The following approach is more lengthy than necessary, but uses only basic ideas. We show how to find the cumulative distribution function of $Z$. Then differentiation gives the density.
The joint density function of $X$ and $Y$ is $2$ in the interior of the triangle with corners $(0,0)$, $(1,0)$, and $(1,1)$, and $0$ elsewhere.
We want to find $\Pr(Z \le z)$. The only interesting part is for $0\lt z\le 1$.
To find this probability, we calculate $\iint_D f(x,y)\,dx\,dy,$ where $f(x,y)$ is the joint density, and $D$ is the region on or below the curve $xy^3=z$. For fixed $z$, draw that curve. It will meet the line $y=x$ at $x=z^{1/4}$.

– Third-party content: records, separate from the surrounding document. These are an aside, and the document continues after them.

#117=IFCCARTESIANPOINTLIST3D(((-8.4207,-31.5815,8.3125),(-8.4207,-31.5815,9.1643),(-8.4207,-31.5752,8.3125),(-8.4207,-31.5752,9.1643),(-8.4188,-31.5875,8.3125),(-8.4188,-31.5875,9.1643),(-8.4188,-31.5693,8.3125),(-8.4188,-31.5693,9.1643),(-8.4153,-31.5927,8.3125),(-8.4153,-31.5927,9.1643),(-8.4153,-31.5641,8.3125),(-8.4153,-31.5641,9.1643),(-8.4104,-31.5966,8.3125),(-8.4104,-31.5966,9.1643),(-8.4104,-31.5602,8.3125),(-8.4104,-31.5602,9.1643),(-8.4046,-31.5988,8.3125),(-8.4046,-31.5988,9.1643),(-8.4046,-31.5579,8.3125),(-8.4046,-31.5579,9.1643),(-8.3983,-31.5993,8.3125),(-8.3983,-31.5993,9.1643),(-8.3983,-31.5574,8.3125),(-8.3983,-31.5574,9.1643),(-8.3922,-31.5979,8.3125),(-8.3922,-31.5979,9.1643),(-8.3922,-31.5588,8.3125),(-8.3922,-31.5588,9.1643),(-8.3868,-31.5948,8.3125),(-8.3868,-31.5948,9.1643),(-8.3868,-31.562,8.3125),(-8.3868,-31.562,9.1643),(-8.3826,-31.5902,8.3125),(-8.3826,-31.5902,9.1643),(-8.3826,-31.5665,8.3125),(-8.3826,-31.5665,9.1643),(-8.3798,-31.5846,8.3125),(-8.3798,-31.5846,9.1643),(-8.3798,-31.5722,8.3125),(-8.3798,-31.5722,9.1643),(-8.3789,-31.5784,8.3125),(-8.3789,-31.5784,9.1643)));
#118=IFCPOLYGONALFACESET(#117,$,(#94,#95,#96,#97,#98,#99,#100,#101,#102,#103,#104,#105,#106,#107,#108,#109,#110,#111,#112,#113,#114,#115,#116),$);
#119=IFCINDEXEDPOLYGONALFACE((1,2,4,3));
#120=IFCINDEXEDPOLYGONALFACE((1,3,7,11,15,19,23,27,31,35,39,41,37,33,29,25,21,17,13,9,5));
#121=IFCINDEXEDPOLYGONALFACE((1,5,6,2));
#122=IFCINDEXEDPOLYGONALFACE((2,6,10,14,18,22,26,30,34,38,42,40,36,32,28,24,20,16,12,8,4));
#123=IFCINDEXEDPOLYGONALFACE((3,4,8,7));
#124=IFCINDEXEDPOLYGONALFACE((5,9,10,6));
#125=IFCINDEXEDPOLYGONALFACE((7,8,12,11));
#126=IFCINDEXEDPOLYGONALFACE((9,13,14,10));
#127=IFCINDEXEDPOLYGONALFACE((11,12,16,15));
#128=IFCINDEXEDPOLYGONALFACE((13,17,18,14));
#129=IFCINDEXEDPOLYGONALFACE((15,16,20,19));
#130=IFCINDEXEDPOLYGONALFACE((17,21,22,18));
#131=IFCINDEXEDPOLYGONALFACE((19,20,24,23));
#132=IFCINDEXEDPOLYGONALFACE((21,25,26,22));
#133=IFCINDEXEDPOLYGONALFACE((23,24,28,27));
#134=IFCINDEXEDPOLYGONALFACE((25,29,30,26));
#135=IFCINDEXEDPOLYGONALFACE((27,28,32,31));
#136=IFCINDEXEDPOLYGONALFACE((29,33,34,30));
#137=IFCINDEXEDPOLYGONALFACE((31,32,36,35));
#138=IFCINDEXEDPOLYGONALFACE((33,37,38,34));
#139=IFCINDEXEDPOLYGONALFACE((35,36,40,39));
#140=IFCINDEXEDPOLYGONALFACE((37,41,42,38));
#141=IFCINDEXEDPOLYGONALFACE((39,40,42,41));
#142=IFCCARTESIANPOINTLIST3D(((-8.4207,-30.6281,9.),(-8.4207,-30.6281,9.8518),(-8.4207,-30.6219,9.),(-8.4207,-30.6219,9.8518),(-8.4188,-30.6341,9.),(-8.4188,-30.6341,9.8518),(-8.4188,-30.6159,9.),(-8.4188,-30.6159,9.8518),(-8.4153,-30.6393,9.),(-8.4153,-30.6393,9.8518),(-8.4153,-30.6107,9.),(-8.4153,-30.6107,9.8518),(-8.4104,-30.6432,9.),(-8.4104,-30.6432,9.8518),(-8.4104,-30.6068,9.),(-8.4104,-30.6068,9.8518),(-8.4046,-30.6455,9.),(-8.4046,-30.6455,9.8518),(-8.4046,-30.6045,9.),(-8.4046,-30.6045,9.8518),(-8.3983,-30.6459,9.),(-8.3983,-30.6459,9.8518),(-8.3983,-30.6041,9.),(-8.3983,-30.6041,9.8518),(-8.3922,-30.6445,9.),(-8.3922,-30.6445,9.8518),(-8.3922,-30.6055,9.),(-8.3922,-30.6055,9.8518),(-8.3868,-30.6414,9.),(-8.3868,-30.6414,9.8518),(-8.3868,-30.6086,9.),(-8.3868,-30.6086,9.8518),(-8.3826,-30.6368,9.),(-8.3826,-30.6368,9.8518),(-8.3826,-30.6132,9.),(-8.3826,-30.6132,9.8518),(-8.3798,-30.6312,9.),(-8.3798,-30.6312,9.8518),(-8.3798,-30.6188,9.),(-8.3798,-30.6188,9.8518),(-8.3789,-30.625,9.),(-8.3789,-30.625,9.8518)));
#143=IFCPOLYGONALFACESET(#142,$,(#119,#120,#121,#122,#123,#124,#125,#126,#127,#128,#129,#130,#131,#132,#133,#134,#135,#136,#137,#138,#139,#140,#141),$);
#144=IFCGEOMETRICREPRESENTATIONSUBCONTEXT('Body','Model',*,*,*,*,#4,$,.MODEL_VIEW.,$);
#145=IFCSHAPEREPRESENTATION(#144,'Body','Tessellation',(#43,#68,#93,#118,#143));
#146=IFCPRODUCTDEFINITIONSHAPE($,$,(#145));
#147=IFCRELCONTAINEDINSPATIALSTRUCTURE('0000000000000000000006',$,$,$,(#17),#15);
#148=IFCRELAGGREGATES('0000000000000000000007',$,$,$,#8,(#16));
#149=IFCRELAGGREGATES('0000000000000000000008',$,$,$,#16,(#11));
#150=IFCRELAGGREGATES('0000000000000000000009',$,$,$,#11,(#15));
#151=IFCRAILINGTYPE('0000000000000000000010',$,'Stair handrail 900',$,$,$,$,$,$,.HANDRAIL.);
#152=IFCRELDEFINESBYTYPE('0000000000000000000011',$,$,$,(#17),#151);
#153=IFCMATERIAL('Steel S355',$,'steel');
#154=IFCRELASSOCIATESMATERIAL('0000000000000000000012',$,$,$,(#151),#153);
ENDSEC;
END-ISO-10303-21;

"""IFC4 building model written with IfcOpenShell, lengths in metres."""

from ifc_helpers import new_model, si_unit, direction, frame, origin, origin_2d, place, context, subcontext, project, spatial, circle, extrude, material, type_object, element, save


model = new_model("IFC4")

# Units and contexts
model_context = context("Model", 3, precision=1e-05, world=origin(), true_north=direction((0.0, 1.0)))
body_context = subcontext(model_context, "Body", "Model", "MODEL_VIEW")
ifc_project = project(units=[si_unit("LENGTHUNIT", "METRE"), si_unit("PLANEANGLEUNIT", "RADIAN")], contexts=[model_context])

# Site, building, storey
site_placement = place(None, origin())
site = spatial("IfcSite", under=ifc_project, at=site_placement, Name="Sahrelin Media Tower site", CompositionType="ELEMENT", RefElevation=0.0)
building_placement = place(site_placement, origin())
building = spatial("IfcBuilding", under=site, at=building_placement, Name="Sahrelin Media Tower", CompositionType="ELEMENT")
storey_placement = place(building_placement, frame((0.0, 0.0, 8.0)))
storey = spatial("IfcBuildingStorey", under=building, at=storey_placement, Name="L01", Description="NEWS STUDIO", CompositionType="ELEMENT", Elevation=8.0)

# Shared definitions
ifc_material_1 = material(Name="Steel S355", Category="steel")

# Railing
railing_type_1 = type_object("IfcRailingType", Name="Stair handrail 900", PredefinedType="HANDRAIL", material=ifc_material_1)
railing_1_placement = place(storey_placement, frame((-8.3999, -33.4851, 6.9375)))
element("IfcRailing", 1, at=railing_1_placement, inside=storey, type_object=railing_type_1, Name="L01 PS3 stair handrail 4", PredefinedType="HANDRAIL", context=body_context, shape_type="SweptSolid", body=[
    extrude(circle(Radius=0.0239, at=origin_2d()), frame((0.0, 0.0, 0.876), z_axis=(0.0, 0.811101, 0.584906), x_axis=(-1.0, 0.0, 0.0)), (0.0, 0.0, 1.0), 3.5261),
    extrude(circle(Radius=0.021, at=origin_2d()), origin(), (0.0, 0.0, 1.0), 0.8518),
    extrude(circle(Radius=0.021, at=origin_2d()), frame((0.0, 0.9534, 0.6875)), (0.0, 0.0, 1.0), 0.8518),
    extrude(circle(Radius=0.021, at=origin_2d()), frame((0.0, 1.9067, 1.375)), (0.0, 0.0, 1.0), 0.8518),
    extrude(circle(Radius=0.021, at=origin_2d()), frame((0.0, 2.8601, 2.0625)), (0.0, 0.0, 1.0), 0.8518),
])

Now our integral is the integral over the part of $D$ with $x\lt z^{1/4}$ (this is a triangle), plus the integral over the part of $D$ with $x$ going from $z^{1/4}$ to $1$.
The first integral is just $2$ times the area of the triangle with base $z^{1/4}$ and height $z^{1/4}$.
The second integral is more complicated. Integrate first with respect to $y$, with $y$ going from $0$ to $(z/x)^{1/3}$. This integral is simply $2(z/x)^{1/3}$. Then integrate from $x=z^{1/4}$ to $x=1$.